10. The method of claim 2, wherein combining the first text vector and the second text vector and determining emotion information of the text data according to a result of the combining by a classifier comprises:

splicing the first text vector and the second text vector to obtain a splicing result;

processing the splicing result through a full connecting layer;

and determining the emotion information of the text data according to the processing result of the full connection layer through the classifier.

11. The method of claim 1, wherein the text data comprises text of comments made to the product by objects in a predetermined website.

12. A method of analyzing text, comprising:

displaying the acquired text data, wherein the text data comprises entity information and attribute information of at least one product;

and outputting emotion information included in the text data, wherein the multi-view emotion analysis model is used for predicting emotion information of the product on preset attributes according to the entity information and the attribute information, and the emotion information is used for representing emotion tendency information represented by the text data.

13. The method of claim 12, wherein the method further comprises:

receiving model parameters of the multi-view emotion analysis model;

and displaying the model parameters of the multi-view emotion analysis model.

14. An apparatus for analyzing text, comprising:

the system comprises an acquisition module, a processing module and a display module, wherein the acquisition module is used for acquiring text data, and the text data comprises entity information and attribute information of at least one product;

the prediction module is used for processing the text data based on a multi-view emotion analysis model and predicting emotion information included in the text data, wherein the multi-view emotion analysis model is used for predicting emotion information of the product on preset attributes according to the entity information and the attribute information, and the emotion information is used for representing emotion tendency information represented by the text data;

and the output module is used for outputting the emotion information included in the text data.

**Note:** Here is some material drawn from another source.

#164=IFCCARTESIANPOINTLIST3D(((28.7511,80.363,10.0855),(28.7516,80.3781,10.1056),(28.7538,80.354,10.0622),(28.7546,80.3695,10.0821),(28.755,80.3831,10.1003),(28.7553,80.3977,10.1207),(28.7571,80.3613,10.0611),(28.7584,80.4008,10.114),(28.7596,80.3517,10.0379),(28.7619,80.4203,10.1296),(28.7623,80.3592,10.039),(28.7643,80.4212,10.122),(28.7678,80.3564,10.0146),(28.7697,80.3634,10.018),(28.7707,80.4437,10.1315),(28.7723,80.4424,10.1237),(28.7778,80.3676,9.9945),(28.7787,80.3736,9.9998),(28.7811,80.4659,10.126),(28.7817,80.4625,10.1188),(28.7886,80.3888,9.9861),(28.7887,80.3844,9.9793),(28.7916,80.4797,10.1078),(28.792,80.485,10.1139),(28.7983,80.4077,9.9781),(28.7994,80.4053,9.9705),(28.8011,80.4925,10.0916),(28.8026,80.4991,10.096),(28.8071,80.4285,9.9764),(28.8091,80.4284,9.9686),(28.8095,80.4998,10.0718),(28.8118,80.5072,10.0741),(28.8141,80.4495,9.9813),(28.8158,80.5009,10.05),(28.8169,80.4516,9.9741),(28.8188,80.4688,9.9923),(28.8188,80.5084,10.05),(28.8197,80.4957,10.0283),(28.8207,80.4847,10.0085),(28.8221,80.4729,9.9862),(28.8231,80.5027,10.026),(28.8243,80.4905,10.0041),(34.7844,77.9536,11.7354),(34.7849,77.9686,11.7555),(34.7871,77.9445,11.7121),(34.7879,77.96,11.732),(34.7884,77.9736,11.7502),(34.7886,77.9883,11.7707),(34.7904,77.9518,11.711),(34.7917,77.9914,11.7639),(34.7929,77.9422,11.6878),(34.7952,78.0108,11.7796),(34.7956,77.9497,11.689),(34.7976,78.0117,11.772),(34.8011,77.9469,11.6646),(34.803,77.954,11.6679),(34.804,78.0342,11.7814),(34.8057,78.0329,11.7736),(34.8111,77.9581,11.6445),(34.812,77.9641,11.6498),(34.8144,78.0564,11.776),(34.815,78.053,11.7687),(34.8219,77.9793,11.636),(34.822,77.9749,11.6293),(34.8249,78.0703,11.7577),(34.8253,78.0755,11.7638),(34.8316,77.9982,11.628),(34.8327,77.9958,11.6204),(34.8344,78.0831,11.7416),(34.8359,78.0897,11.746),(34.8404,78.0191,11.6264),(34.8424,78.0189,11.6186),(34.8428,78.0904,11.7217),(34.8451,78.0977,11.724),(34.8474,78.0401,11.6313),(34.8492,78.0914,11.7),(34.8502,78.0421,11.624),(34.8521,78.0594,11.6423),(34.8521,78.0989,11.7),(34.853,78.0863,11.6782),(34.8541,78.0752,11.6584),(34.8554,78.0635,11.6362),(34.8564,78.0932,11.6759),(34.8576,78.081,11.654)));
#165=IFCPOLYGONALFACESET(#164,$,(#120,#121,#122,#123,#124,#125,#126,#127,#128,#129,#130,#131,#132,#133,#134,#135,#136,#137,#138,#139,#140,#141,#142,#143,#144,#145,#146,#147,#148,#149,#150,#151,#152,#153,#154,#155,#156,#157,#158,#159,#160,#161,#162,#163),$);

15. An apparatus for analyzing text, comprising:

the display module is used for displaying the acquired text data, wherein the text data comprises entity information and attribute information of at least one product;

and the output module is used for outputting the emotion information included in the text data, wherein the multi-view emotion analysis model is used for predicting the emotion information of the product on the preset attribute according to the entity information and the attribute information, and the emotion information is used for representing the emotion tendency information represented by the text data.

16. A system for analyzing text, comprising:

a processor; and

a memory coupled to the processor for providing instructions to the processor for processing the following processing steps:

and outputting the emotion information included in the text data.